The illusion of hardship
“Pareto’s Law can be summarized as follows: 80% of the outputs result from 20% of the inputs.” – Timothy Ferriss
The fourth of life’s great illusions states that life is hard. The truth is, you just make it that way. There are no problems, only challenges with solutions. Begin to understand the 20% of your efforts that produce 80% of the positive results and your life begins to take on a wonderful flow.
“Josh has lost the plot.” That’s what I imagined friends would think when I first starting expressing what many people might consider – “spiritual” posts. In the beginning I second-guessed myself before posting something I felt compelled to write. Initiating tension in my body. Until one day I just said screw it!. When I feel it, I’ll do it. I don’t care if I get ridiculed or made fun of. So, it began. And you know what? The sky didn’t fall. My friends didn’t make fun of me. The world continues on it’s path. What’s better, you’re reading this. There may be some of people who will think I’ve drank the spiritual Kool-aid. Or, maybe not. It doesn’t really matter anymore. As Chicken Soup for the Soul author Jack Canfield likes to point out “What others think about you is none of your business.”

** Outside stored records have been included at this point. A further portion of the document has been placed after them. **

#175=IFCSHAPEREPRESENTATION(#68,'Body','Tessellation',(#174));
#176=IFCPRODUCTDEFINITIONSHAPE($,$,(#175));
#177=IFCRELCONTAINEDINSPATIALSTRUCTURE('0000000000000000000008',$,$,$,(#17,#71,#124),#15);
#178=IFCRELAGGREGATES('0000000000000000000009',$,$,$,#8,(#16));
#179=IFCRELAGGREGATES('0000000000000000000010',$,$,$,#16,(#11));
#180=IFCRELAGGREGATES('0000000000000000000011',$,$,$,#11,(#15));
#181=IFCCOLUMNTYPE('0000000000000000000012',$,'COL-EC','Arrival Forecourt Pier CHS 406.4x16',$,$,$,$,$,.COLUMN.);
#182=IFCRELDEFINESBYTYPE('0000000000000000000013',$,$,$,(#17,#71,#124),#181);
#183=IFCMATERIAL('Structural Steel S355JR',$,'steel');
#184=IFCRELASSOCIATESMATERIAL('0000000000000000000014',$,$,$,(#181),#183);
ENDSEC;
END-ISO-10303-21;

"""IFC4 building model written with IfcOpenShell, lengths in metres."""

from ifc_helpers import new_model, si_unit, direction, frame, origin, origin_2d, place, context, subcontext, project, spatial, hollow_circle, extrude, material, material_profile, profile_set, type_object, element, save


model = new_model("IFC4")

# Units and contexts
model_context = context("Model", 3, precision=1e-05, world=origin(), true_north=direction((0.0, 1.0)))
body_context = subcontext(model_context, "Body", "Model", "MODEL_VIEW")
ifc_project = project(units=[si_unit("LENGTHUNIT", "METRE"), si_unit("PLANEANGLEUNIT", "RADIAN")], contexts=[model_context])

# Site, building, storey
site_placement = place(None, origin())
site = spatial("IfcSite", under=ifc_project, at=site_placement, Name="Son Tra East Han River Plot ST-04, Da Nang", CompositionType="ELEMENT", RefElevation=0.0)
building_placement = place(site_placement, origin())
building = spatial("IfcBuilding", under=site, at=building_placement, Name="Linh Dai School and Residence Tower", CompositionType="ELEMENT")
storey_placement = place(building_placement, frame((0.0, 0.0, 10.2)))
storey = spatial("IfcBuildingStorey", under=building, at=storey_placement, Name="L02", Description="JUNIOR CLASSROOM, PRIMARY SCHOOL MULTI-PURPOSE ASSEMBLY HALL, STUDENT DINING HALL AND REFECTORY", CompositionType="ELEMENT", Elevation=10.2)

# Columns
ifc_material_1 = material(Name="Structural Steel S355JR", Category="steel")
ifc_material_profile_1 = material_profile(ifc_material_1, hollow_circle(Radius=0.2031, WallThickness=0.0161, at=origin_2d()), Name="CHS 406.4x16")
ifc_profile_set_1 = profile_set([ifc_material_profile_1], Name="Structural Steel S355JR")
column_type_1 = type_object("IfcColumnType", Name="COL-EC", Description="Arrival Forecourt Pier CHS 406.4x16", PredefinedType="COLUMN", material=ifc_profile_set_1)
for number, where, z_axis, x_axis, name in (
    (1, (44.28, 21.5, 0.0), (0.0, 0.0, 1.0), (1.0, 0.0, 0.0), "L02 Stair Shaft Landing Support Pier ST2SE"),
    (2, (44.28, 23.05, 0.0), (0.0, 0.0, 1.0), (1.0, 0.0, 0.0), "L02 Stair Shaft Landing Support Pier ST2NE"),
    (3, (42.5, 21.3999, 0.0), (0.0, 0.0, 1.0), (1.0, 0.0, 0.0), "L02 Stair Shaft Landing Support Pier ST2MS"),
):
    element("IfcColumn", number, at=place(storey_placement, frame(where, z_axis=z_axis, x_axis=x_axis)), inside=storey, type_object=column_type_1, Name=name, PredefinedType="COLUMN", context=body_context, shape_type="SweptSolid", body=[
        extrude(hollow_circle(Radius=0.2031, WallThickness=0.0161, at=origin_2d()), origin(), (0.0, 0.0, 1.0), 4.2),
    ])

Our world’s greatest teachers were at their core, a band of misfits doing the extraordinary – following their hearts. Heroic stories epitomized in the personalities of people like Jesus and Buddha give us glimpses of a growth destined for us all. These ultimate outliers, wayfarers of the first order, blazed a path of light for us to follow whenever we wish. Jesus was kicked out of his home town. Buddha ran away from his. Fitting in wasn’t their strong point. Revealing their most fundamental quality. They focused on what mattered – themselves. A depth of being allowing their lives to become iconic and consciously everlasting.

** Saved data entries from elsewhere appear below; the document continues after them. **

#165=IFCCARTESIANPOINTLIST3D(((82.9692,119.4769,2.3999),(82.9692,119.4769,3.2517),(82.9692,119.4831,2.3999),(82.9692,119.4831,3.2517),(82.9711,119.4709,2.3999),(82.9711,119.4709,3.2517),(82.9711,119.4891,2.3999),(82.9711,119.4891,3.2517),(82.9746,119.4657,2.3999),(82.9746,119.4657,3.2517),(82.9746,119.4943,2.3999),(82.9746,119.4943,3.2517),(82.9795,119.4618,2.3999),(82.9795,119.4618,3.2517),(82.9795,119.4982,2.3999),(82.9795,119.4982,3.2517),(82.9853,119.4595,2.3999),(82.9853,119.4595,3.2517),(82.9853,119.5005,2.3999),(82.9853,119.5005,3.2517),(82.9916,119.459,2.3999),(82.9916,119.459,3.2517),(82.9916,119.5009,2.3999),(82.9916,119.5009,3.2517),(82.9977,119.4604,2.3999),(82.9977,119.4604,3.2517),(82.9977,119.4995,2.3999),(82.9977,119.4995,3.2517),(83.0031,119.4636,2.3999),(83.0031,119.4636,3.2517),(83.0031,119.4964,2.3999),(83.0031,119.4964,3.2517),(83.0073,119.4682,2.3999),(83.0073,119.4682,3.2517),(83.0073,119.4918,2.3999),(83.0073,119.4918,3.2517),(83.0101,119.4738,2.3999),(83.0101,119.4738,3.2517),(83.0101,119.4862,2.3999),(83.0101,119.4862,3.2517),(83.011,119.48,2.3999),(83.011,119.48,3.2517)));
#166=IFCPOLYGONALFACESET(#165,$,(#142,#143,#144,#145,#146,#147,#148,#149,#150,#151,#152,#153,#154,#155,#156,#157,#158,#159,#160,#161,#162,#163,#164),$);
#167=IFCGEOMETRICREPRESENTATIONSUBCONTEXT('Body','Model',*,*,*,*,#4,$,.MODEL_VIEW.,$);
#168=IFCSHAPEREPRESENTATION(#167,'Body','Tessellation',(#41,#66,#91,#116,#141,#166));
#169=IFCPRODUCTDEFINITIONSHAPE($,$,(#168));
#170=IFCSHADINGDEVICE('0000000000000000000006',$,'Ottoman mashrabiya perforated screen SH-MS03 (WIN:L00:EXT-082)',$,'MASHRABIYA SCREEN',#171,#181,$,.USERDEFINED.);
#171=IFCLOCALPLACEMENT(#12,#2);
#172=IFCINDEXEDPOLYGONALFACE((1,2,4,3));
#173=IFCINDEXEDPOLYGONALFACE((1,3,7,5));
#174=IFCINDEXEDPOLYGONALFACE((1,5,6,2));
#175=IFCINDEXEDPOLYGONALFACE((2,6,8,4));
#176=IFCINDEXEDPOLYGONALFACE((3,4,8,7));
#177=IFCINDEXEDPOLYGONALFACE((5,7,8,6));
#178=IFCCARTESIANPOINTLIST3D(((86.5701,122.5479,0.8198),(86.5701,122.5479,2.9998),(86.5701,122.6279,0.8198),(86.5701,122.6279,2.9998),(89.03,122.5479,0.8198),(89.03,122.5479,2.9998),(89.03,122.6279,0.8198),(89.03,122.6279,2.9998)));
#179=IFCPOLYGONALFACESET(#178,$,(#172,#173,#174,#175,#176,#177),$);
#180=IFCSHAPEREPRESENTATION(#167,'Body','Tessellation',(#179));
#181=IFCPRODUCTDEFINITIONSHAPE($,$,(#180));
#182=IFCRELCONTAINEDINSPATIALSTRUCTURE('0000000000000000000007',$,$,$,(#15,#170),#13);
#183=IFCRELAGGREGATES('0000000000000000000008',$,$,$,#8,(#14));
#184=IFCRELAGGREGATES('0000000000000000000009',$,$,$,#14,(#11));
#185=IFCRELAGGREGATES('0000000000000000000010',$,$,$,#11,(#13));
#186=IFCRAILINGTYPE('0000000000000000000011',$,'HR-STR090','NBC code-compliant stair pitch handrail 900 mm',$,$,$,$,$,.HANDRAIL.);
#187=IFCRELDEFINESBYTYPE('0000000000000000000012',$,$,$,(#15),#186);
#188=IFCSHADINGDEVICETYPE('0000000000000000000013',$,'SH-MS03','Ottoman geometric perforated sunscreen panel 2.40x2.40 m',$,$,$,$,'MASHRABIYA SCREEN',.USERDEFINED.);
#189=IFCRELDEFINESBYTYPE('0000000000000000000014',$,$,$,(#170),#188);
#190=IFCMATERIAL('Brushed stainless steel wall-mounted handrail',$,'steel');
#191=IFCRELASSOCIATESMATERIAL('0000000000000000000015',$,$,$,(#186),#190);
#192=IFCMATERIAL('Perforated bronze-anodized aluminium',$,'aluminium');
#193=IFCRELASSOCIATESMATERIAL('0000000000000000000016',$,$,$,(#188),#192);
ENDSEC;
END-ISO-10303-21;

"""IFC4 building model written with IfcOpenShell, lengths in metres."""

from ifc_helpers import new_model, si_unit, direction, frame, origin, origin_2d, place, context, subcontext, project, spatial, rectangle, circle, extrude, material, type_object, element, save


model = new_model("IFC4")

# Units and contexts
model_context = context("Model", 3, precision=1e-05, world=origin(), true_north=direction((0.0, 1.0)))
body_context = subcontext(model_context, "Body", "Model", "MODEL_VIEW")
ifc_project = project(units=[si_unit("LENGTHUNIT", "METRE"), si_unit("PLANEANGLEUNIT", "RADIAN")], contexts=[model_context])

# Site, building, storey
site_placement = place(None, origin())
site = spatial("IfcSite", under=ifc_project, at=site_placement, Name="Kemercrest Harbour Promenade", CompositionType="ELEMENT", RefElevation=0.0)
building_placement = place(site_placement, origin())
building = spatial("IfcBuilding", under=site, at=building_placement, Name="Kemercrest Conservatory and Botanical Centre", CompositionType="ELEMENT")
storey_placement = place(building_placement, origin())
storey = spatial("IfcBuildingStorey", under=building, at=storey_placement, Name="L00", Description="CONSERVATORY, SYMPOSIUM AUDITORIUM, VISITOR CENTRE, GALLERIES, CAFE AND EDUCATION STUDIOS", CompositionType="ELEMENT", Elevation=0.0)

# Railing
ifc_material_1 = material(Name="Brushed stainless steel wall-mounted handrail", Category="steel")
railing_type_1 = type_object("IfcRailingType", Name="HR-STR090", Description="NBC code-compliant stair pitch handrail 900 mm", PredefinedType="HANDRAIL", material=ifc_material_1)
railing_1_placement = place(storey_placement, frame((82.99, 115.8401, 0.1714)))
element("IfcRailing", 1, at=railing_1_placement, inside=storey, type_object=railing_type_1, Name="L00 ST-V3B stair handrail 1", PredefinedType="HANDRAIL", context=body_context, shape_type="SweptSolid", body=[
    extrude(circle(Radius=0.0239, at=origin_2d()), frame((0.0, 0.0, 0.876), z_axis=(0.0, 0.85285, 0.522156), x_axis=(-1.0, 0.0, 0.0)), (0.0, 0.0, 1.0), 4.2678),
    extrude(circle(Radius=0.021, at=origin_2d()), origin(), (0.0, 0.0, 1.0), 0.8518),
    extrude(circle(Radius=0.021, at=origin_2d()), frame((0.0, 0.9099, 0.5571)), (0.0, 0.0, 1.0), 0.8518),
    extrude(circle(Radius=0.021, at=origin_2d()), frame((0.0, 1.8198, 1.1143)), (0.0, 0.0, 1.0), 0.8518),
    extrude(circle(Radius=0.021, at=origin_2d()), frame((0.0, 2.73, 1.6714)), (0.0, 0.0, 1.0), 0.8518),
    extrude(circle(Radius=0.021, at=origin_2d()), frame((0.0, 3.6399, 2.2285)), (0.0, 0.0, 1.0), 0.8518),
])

Interested in seeing through the illusion of hardship?
Be like Jesus and Buddha – Stop being concerned what others think of you. One of the greatest gifts you can give yourself is beginning to cultivate the habit of not caring what other people think of you. Stop assuming people are saying “this or that” about you. Most likely you’re probably wrong anyway. And even if you’re not, all that truly matters is what you think of yourself. Be nice, help others when you can and follow your heart. Stop wasting your precious energy trying to figure someone else out. Let the mind gossip fall away.
Get a little crazy. Remember, all the magic happens outside your comfort zone. Start making the uncomfortable, comfortable by doing one thing that scares you today. Look people in the eyes and talk to strangers. Tell everyone you know that you love them. Reprogram yourself. Forget who they told you you should be. Stop caring what people think of you. Like Dr Suess says “Those that matter don’t mind and those that mind don’t matter.” Grow a beard, wear different clothes, walk a new way to work, whatever works, do it and do it often.

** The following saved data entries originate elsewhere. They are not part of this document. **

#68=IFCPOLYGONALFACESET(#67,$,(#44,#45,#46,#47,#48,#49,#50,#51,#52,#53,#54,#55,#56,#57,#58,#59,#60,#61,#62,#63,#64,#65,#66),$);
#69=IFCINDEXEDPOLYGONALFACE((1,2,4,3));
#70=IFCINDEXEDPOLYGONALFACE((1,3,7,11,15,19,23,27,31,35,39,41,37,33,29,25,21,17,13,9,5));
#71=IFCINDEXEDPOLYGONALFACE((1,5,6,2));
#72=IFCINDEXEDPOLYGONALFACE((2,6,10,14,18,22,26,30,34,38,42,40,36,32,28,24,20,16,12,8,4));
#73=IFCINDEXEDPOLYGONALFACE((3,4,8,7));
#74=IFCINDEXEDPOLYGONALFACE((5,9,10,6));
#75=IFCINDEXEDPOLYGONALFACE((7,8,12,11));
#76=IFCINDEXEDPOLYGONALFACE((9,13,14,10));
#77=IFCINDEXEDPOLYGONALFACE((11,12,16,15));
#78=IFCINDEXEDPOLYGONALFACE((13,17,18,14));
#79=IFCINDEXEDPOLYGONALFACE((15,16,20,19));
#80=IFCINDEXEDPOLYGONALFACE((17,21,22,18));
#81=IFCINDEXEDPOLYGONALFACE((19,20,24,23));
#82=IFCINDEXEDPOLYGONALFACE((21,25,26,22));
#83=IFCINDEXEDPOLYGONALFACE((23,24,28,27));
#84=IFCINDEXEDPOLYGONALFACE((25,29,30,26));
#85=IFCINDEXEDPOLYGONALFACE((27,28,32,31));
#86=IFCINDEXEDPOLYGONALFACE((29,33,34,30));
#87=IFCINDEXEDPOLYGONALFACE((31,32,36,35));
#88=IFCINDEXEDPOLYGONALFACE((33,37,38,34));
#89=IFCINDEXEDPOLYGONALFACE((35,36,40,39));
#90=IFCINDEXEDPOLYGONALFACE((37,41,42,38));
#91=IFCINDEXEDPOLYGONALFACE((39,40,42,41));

Begin to understand the 20% of your life that is producing the 80% of positivity in your life. This entails a life audit. My mother always said “You need to know what you’re not good at.” And that’s precisely what we’re going to concentrate on today. Let’s start by making a NOT TO DO LIST. What things are you doing that make you feel exhausted and don’t seem to have any real value to anyone. What could you cut out today? Begin that list now.
Give yourself the no-defense challenge. The final stage of releasing yourself from the imaginary chains of hardship involves practising the art of NO-defense. When people lash out, it’s usually because they’ve been lashed. And, everyone truly is doing the best they can with the information they have. I realize being compassionate to someone who is insulting you is not an easy task. Katie Byron says, “Defense is the first act of war.” And if you can truly listen to your critics, you may even be able to find a little truth them. But mostly, it’s the reality of the person who says it to you. Not yours. A lack of defence requires a very strong connection with your source when you feel anger bumbling. Staying calm and not reacting when someone is directing their anger will require practice.
Whenever anyone actively attacks me I try to remember Lao Tzu’s words, “Do you have the patience to wait till the mud settles and the water is clear? Can you remain unmoving til the right action arises by itself?” You and this world don’t evolve with fighting; this happens with ideas and dreams. Wars end with the highest ideals of freedom and com- passion. Next time you get mad, give yourself a timeout. Walk away from the situation. Do something completely different. Catch your breath. Do not react for at least an hour. You’ll find that when you come back, the environment may have changed and you can discuss solutions, not problems. Or not. Either way, you will not have allowed another to have power over your actions. Remember Bernard Shaw’s quote, “I learned long ago, never to wrestle with a pig. You get dirty, and besides, the pig likes it.”
To see through the illusion of hardship:
- Be like Jesus or Buddha
- Get a little crazy
- Become intimate with the 20% of your life is creating 80% of your success and happi- ness. Then do more of that.